Holy Cross Day

Holy Cross Day – September 14, 2019 – John 12:31-36a – St. Mary’s Convent, Sewanee

The cross is everywhere. Signed on our foreheads, across our chests, and on our hands. Laid in our stonework, etched into our windows, and even baked right into our communion bread.

The cross is the Christian symbol, and for good reason: Jesus died on the cross. As an instrument of torture, the cross carries with it the baggage of violence, shame, and death, but God took this sign of torture and made it a sign of new life.

Imagine. An instrument of death becoming a symbol of new life. Like all good Christian theology, it’s paradoxical to the core.

Over the centuries some folks have, unfortunately, used the cross to inflict shame. Some who grew up attending rigid parochial schools or fire-and-brimstone churches are still scarred by the guilt they felt when they were told that they were responsible for hanging Jesus on it.
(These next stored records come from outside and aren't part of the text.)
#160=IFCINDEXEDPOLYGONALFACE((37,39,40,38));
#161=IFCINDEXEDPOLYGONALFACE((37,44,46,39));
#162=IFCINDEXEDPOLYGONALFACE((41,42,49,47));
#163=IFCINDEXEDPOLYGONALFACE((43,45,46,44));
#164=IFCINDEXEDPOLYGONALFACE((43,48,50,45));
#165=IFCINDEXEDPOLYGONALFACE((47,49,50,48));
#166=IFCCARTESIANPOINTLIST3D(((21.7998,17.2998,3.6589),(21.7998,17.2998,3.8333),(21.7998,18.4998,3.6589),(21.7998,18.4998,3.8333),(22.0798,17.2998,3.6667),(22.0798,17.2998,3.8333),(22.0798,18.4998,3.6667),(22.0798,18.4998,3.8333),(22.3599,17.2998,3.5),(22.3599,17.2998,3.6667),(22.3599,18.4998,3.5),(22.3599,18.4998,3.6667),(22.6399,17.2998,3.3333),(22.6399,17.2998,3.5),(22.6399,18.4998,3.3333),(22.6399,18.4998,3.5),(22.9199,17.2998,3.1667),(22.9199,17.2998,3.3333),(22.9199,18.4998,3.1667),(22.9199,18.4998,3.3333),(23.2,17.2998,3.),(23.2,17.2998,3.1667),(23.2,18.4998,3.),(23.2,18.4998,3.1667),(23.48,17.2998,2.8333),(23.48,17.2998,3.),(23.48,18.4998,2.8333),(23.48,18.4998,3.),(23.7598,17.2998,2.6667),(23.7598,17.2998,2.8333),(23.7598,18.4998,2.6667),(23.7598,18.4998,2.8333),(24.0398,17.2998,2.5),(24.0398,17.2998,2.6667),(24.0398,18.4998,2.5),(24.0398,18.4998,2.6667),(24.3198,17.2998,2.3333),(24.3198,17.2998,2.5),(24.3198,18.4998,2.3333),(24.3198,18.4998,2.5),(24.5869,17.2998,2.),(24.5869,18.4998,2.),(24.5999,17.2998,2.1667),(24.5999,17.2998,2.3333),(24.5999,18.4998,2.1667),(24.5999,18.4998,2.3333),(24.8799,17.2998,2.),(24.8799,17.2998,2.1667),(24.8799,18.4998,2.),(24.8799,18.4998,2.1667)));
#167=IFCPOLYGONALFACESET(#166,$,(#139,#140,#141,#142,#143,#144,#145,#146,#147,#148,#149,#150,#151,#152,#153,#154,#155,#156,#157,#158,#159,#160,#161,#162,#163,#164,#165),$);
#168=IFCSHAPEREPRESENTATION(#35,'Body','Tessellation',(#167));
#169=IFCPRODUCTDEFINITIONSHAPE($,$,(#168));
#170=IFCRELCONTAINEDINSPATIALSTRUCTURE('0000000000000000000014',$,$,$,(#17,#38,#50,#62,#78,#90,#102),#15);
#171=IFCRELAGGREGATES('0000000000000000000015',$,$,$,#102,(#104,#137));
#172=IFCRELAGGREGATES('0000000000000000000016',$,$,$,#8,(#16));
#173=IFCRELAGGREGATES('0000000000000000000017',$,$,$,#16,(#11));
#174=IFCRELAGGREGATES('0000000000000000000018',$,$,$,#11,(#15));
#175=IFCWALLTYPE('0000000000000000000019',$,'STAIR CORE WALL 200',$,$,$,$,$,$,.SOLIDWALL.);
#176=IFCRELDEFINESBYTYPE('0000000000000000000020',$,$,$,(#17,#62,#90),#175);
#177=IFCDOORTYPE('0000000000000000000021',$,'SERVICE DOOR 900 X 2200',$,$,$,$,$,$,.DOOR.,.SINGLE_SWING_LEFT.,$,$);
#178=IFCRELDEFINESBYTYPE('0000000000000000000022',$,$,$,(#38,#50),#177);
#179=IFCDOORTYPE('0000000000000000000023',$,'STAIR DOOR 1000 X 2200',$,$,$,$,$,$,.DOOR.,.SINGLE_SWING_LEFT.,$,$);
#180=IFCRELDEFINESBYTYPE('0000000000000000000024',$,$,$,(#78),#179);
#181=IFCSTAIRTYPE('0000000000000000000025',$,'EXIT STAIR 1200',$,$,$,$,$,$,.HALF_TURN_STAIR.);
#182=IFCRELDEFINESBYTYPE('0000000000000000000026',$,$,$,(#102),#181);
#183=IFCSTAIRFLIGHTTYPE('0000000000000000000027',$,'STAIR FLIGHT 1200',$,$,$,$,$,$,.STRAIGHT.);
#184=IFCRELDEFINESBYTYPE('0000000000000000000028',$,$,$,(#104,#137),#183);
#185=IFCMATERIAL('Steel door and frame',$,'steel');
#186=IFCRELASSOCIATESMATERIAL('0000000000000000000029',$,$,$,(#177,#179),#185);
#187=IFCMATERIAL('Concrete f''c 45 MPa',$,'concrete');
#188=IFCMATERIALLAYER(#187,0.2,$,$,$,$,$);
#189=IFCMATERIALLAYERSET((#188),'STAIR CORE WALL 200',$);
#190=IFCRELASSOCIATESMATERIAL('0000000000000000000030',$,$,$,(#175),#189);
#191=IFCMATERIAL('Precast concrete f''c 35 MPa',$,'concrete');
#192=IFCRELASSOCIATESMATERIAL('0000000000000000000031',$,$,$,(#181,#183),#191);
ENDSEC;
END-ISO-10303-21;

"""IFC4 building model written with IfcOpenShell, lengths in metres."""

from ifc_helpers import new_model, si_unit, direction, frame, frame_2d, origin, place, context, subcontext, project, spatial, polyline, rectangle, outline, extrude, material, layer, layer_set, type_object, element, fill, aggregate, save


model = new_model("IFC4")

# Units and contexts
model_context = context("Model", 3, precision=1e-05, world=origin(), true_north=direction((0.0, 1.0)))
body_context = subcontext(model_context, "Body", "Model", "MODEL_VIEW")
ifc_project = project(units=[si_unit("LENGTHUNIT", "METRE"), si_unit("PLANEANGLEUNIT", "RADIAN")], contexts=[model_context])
You and I know that the cross is not an emblem designed to manipulate our emotions. The cross is a tangible reminder of the intersection of human and divine life.

When we see God enfleshed on the cross, we witness God identifying with human suffering in an unparalleled way. Even Jesus, born of a woman, yet one with his father in heaven, did not escape the cold reality of death.

God, at one with our human nature, gets it. God gets that we suffer, and God shows us on the cross that he is with us when we do. Most importantly of all, God shows us that suffering and death do not ultimately get the last word. That belongs to resurrection.

On the cross we see the hard reckoning of human pain with the promise of new life in God who loves us beyond measure. Ironically, by dying, Jesus shows us just how powerful his life is. We are inheritors of that life—eternal life—in Christ.

We remember the cross today because of its sacred place in that eternal life. I’m not sure what happened to the real one, though its purported fragments abound. But that’s okay. The reality of its power does not depend on its archeological discovery.

The cross still marks the spot of Jesus’ death and ensures us of the promise of eternal life. On our bodies. On this altar. Built right into the side of this building. Baked right into this holy bread.

Rejoice friends, for wherever Jesus’ cross is, there God is at work, transforming death into life. Thank God it’s grafted on our hearts.